English: The Tesla Model S is an all-electric ...

English: The Tesla Model S is an all-electric sedan. (Photo credit: Wikipedia)

High ramp up and extremely fast global growth of Tesla Motors, has led to a jump from $204 million to almost $4 billion in annual revenue, from the beginning of 2012 to now. Automotive industry is built on the concept of vertical integration of owning both the manufacturing and as much of the supply chain as possible, and Tesla has mastered the science. With many best in class applications like e-Commerce, ERP, Service, Supply Chain and Logistics systems, Tesla has thus far achieved almost seamless vertical integration, with a closed feedback loop with its customers.
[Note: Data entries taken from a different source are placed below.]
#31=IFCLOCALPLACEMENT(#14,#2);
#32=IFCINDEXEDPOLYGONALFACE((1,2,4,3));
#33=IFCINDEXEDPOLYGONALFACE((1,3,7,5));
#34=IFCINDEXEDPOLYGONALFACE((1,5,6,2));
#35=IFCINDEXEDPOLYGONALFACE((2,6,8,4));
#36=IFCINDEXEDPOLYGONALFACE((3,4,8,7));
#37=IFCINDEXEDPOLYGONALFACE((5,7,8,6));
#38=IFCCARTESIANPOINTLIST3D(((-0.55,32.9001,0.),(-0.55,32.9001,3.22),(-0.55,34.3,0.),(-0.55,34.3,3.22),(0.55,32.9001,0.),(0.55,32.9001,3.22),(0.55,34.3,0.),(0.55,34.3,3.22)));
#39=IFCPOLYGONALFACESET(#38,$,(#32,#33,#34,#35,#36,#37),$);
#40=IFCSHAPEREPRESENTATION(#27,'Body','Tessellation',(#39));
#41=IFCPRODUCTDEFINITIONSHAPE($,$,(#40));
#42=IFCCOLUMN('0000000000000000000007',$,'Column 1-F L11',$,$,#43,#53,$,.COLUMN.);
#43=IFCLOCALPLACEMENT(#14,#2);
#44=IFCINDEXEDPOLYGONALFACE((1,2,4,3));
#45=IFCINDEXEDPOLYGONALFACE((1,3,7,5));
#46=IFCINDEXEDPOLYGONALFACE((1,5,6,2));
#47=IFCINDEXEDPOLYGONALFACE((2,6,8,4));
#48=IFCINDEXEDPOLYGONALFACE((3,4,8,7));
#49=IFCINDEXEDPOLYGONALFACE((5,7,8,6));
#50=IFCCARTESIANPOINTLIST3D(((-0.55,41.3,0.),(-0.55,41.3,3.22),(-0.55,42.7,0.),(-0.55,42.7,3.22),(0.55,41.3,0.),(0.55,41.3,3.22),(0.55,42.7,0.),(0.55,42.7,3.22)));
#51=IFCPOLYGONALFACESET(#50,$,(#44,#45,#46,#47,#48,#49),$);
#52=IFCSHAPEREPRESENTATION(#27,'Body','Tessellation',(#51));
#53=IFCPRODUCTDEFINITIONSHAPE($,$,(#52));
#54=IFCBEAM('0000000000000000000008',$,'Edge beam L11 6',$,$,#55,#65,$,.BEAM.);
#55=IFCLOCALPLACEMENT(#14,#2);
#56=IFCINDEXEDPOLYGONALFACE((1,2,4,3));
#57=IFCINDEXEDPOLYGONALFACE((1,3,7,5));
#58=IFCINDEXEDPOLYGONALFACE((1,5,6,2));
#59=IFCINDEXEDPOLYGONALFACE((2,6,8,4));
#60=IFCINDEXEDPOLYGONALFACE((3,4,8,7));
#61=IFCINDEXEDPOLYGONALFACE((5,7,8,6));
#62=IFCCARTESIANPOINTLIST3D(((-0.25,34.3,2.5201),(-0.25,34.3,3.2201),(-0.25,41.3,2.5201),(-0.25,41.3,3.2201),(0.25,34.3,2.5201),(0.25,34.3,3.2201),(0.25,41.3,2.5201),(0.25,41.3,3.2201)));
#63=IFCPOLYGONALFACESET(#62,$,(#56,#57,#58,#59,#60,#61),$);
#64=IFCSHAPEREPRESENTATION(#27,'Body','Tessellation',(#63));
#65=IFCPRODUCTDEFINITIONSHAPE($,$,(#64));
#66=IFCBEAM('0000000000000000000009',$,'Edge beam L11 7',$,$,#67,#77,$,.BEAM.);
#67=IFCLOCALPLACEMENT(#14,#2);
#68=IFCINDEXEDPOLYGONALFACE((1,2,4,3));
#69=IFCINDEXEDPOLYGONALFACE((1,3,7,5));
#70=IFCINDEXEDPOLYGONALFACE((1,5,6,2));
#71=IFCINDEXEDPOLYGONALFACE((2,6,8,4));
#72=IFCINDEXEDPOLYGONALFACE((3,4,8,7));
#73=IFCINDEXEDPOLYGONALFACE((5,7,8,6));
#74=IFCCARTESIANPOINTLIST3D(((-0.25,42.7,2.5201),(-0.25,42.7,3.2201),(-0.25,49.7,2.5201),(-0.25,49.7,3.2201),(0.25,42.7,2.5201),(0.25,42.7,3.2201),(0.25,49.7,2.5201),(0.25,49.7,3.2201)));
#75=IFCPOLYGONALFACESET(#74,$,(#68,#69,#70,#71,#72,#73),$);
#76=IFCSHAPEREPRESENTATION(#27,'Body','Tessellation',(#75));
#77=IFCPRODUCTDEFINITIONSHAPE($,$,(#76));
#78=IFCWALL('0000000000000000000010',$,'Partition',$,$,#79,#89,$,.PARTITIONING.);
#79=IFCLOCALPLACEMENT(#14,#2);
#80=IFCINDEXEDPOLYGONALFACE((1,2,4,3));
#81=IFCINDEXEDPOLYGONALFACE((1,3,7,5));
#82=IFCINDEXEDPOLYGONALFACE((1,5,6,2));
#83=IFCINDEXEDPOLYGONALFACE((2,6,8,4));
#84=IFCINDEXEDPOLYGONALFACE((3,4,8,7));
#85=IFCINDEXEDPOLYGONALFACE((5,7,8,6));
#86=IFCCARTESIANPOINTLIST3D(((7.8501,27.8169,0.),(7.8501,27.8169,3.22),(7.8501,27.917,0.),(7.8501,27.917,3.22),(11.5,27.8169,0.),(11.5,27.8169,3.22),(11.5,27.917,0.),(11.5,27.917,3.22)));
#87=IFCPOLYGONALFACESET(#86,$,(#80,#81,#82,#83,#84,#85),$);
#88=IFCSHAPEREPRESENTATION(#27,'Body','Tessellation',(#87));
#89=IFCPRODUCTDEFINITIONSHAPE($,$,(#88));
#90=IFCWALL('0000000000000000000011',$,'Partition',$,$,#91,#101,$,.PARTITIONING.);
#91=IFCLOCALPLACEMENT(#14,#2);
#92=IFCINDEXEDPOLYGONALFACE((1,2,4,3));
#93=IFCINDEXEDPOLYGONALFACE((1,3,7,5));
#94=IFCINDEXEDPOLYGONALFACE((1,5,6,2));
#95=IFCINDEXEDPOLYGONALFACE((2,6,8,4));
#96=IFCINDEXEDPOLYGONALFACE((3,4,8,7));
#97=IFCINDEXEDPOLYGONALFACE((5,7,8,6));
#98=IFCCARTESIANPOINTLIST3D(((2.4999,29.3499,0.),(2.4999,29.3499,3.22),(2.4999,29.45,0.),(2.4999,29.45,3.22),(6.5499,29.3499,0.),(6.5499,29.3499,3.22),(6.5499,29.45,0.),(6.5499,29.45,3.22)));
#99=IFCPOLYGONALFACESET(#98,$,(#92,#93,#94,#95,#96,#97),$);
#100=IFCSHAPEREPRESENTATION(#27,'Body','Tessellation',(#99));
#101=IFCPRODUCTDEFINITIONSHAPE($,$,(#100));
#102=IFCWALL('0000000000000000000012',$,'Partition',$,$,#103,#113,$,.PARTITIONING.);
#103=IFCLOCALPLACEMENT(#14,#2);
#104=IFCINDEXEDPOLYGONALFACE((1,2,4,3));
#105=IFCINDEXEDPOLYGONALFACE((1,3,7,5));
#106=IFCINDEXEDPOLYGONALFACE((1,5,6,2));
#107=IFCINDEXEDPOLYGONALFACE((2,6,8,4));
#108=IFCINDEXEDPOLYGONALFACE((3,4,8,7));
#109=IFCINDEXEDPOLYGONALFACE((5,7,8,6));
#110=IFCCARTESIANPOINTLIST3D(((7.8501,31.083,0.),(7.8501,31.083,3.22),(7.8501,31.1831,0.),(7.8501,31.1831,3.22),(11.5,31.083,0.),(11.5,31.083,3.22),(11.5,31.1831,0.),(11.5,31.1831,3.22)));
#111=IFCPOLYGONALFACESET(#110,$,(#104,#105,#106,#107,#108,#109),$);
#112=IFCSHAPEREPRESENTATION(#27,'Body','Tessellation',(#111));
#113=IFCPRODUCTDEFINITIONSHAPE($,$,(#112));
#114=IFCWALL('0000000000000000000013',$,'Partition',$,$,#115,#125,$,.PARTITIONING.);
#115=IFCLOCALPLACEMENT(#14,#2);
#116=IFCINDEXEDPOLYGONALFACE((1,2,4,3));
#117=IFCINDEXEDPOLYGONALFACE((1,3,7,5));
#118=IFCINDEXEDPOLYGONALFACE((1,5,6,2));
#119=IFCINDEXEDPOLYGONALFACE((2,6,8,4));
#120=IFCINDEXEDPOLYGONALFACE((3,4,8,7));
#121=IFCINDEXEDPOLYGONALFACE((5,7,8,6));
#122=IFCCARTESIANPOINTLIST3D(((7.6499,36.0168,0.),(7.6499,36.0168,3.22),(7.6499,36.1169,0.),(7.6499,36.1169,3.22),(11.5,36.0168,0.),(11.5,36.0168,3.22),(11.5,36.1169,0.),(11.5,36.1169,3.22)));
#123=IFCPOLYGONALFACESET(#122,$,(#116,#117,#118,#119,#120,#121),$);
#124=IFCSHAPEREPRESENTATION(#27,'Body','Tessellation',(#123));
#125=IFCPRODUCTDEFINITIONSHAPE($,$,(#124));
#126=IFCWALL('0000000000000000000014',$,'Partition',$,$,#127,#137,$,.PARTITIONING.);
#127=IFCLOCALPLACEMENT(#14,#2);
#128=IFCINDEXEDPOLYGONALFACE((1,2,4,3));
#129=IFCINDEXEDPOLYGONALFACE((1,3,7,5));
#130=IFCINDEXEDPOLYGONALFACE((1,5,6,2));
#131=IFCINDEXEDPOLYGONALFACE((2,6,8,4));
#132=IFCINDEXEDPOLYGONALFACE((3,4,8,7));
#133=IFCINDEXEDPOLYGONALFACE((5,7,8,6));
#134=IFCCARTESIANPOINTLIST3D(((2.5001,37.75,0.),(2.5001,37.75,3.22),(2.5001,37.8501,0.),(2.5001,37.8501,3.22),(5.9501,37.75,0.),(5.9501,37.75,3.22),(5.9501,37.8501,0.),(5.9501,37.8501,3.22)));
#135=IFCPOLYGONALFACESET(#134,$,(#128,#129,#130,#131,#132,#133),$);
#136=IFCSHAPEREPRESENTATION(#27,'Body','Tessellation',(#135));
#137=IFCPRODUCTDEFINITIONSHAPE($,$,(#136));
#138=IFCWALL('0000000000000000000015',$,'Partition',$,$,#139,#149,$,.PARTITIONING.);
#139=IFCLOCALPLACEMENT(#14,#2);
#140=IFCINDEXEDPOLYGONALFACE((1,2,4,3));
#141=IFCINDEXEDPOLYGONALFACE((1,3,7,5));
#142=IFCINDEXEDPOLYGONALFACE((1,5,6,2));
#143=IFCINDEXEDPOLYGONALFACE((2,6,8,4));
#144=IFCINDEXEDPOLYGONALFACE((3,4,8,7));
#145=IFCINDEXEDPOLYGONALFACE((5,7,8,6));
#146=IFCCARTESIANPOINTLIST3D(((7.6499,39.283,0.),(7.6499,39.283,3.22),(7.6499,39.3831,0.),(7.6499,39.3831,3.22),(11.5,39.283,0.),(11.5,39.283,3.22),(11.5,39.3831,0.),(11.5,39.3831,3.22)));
Tesla’s recent announcement to build “gigafactory” for building batteries (very likely in partnership with its current supplier Panasonic), may help greatly reduce cost of its power source, and may help expedite the development of advanced battery technology.

Tesla is moving forward with lofty goals and a startup culture characteristic of innovation and entrepreneurship, prevalent in the Silicon Valley. Jay Vijayan, CIO at Tesla Motors will give a keynote address at TiEcon 2015, the largest entrepreneurship conference. Enjoy the opportunity to network with like-minded professionals, and get ideas and inspiration on what helps build the culture of innovation in Silicon Valley and register for the conference at .  Register at to get a $100 discount on the two-day conference at the non-member rate.  When prompted, enter the promo code VOL500 at checkout.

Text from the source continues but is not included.